Pray with the Pope: May 2020
The Deacon’s Role in the Parish
Intention for Evangelisation: We pray that deacons, faithful in their service to the Word and the poor, may be an invigorating symbol for the entire Church.
If you want to exercise the Christian virtue of humility, become a deacon.
The deacon often walks in the shadow of another person, usually a priest. Whether he is a permanent deacon or a “temporary” one who will go on to the priesthood, he works with a priest but definitely under his authority, even if given the freedom to use his initiative and discretion in the exercise of his duties.
For “temporary” deacons the problem can sometimes be that the diaconate is seen as a mere stepping stone to the priesthood and so they sometimes chafe under the priestly tutelage.
They should remember that the diaconate is a vocation which, in an important sense, they do not shed or lose when ordained priest.
For a priest will frequently be asked to render the kinds of services asked of deacons—ranging from effective administration of money and parish assets to picking up an elderly parishioner en route to Mass at the outstation.

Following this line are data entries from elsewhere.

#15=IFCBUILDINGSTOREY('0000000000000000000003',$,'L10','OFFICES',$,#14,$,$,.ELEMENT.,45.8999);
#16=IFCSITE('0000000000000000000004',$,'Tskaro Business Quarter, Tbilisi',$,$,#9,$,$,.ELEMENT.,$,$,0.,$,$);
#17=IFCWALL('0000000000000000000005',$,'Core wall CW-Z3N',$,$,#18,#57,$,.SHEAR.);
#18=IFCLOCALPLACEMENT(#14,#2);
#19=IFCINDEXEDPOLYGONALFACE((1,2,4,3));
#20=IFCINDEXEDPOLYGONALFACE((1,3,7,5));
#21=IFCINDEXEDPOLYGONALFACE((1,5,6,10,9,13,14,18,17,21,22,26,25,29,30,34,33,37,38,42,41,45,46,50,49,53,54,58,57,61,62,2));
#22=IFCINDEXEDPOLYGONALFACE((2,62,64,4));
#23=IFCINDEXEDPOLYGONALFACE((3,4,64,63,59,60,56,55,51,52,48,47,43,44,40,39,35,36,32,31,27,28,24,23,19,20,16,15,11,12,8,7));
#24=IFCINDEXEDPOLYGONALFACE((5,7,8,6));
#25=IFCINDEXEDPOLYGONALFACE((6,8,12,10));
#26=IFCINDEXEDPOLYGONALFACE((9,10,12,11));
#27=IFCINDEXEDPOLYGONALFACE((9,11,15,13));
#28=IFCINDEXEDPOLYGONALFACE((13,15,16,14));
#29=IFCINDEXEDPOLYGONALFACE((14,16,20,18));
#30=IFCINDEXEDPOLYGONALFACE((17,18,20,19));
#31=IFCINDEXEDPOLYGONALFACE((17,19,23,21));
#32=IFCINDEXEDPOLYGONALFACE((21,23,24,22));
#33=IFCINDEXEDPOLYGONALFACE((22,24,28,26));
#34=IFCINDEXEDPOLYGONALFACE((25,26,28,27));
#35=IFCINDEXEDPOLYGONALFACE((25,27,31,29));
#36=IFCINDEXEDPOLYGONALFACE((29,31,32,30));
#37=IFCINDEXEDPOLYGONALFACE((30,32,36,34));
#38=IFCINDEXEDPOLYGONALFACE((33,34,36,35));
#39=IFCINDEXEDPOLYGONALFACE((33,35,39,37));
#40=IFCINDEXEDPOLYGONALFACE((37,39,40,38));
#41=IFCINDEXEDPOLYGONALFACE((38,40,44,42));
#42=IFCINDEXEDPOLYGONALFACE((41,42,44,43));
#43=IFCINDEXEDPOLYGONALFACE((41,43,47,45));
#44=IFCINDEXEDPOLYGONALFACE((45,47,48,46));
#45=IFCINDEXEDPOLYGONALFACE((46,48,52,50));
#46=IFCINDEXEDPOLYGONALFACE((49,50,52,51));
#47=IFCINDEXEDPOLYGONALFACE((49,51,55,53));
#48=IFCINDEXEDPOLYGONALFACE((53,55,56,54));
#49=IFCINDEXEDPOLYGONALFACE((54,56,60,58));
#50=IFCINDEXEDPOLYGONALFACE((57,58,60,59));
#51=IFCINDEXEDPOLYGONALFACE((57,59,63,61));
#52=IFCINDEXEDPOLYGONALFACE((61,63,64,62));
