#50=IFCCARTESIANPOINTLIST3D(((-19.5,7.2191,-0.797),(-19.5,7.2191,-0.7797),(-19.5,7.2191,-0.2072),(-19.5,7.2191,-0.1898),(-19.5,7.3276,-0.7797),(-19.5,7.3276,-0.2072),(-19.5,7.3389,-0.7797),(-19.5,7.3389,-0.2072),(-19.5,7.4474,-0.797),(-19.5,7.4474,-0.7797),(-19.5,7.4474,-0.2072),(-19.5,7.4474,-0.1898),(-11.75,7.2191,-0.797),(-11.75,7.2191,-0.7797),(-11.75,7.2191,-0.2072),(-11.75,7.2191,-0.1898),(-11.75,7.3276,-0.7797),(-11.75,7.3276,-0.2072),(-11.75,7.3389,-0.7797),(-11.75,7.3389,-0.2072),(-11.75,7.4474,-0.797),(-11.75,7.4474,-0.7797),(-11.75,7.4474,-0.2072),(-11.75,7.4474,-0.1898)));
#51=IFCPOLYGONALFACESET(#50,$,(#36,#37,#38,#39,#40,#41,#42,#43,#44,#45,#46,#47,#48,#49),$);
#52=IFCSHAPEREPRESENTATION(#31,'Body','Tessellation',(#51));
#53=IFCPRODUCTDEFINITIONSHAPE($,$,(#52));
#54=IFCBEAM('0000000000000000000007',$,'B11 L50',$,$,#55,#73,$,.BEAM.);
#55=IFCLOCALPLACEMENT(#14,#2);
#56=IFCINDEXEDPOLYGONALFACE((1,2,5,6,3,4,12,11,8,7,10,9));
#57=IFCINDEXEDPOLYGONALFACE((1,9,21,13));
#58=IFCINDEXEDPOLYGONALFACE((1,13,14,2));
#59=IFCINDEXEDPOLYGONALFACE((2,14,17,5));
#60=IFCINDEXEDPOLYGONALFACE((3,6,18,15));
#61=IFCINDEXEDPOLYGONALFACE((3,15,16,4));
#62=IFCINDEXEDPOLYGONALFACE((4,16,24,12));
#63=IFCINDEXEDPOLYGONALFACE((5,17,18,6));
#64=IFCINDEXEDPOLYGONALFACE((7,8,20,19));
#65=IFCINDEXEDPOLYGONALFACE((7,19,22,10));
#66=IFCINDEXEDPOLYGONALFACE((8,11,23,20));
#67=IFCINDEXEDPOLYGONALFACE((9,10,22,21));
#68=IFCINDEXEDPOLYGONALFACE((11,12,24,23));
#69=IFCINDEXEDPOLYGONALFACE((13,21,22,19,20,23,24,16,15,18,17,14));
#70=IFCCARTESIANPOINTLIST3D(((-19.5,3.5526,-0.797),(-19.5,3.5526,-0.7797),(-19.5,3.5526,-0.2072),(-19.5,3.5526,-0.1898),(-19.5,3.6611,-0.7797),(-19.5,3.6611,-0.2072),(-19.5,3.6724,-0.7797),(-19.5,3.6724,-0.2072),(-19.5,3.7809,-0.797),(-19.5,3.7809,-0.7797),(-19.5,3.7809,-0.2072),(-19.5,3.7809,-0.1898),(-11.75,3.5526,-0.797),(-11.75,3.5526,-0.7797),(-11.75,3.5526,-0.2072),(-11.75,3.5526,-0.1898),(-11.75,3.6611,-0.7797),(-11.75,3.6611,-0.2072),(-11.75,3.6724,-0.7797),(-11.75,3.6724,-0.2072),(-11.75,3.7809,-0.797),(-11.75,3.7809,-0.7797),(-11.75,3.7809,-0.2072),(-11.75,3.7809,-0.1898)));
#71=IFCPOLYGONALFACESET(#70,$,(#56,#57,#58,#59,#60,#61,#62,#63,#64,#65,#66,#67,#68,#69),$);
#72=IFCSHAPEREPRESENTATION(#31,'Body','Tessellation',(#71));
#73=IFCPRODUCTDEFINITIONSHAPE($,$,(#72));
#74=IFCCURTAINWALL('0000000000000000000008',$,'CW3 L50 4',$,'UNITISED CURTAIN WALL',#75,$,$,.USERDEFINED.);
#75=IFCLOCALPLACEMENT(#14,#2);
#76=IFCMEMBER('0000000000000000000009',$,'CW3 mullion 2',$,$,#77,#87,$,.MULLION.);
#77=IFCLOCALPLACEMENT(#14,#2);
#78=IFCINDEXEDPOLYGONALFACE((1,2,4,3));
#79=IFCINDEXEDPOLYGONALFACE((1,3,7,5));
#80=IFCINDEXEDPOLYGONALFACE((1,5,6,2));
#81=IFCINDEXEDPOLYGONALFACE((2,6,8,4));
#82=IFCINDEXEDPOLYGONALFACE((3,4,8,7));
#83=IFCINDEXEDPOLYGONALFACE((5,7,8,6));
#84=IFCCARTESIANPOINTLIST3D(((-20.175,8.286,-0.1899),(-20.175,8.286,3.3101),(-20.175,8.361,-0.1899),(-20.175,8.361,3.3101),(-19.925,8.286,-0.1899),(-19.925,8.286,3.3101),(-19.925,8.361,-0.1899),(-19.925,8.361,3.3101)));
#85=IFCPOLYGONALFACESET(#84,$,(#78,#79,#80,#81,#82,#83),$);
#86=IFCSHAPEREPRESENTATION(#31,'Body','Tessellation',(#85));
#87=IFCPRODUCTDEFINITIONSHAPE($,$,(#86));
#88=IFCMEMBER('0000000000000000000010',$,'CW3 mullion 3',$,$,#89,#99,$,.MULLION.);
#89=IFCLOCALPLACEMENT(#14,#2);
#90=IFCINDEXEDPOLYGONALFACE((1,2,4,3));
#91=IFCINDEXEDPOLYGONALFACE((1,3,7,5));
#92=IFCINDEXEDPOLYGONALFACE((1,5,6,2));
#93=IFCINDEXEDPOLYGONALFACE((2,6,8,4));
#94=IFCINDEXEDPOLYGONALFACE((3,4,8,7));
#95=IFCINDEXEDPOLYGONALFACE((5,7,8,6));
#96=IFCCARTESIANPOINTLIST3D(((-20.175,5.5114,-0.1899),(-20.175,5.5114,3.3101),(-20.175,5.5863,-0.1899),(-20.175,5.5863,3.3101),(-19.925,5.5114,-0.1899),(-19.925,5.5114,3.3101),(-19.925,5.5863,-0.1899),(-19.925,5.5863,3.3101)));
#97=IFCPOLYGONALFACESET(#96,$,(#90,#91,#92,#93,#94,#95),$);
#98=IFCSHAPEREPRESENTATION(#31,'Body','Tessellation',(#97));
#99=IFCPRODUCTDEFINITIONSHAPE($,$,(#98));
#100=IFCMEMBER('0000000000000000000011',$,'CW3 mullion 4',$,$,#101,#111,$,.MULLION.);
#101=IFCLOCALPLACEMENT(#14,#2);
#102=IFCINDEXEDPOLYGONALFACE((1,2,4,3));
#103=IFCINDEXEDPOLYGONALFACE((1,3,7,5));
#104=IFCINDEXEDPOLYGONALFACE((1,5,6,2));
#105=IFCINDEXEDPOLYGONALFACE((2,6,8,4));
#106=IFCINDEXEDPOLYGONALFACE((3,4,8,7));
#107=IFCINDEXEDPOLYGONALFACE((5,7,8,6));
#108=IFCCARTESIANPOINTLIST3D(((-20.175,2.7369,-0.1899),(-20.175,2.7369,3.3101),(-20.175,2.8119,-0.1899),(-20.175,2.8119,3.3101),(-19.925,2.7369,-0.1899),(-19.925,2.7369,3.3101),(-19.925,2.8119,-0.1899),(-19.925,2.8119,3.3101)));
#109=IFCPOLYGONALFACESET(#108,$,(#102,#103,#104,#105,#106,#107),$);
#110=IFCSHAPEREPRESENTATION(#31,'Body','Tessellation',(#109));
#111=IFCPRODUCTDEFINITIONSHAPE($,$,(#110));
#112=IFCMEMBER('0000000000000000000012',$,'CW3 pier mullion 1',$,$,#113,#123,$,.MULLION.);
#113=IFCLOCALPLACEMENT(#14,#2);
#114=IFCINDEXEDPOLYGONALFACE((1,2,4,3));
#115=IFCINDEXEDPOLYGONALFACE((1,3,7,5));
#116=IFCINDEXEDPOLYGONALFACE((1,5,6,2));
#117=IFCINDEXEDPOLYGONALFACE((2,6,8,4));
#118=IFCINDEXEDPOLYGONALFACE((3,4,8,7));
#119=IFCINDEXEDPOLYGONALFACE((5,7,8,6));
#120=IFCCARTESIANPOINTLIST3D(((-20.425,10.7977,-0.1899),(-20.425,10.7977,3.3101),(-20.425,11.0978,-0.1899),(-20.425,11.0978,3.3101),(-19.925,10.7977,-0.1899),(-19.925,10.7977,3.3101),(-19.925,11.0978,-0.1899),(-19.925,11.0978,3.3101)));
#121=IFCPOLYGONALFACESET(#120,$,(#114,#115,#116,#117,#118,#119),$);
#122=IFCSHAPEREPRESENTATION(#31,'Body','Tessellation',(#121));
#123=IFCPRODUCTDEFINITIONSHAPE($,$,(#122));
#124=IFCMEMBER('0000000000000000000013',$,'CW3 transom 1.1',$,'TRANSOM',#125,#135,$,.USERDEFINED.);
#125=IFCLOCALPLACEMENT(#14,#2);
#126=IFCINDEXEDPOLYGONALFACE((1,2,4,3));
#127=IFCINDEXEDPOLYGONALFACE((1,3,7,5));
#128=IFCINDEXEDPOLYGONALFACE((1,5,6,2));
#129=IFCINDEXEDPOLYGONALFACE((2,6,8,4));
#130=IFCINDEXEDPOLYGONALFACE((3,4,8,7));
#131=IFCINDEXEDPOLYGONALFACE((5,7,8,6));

I myself spent almost a year as a deacon and worked for the youth service of a large diocese in the UK. I was based in an innercity parish.
It was a busy and fulfilling time. There were opportunities for preaching, and as a deacon, since one cannot say Mass, the tendency is to work harder at one’s homilies and, as the intention says, “fulfil one’s faithful service to the Word”.
Hence to take a “diaconal attitude” forward into one’s priesthood can enrich it immensely. This is an argument for an extended diaconate for those moving towards priestly ordination rather than a brief interlude between the end of theology and priestly ordination.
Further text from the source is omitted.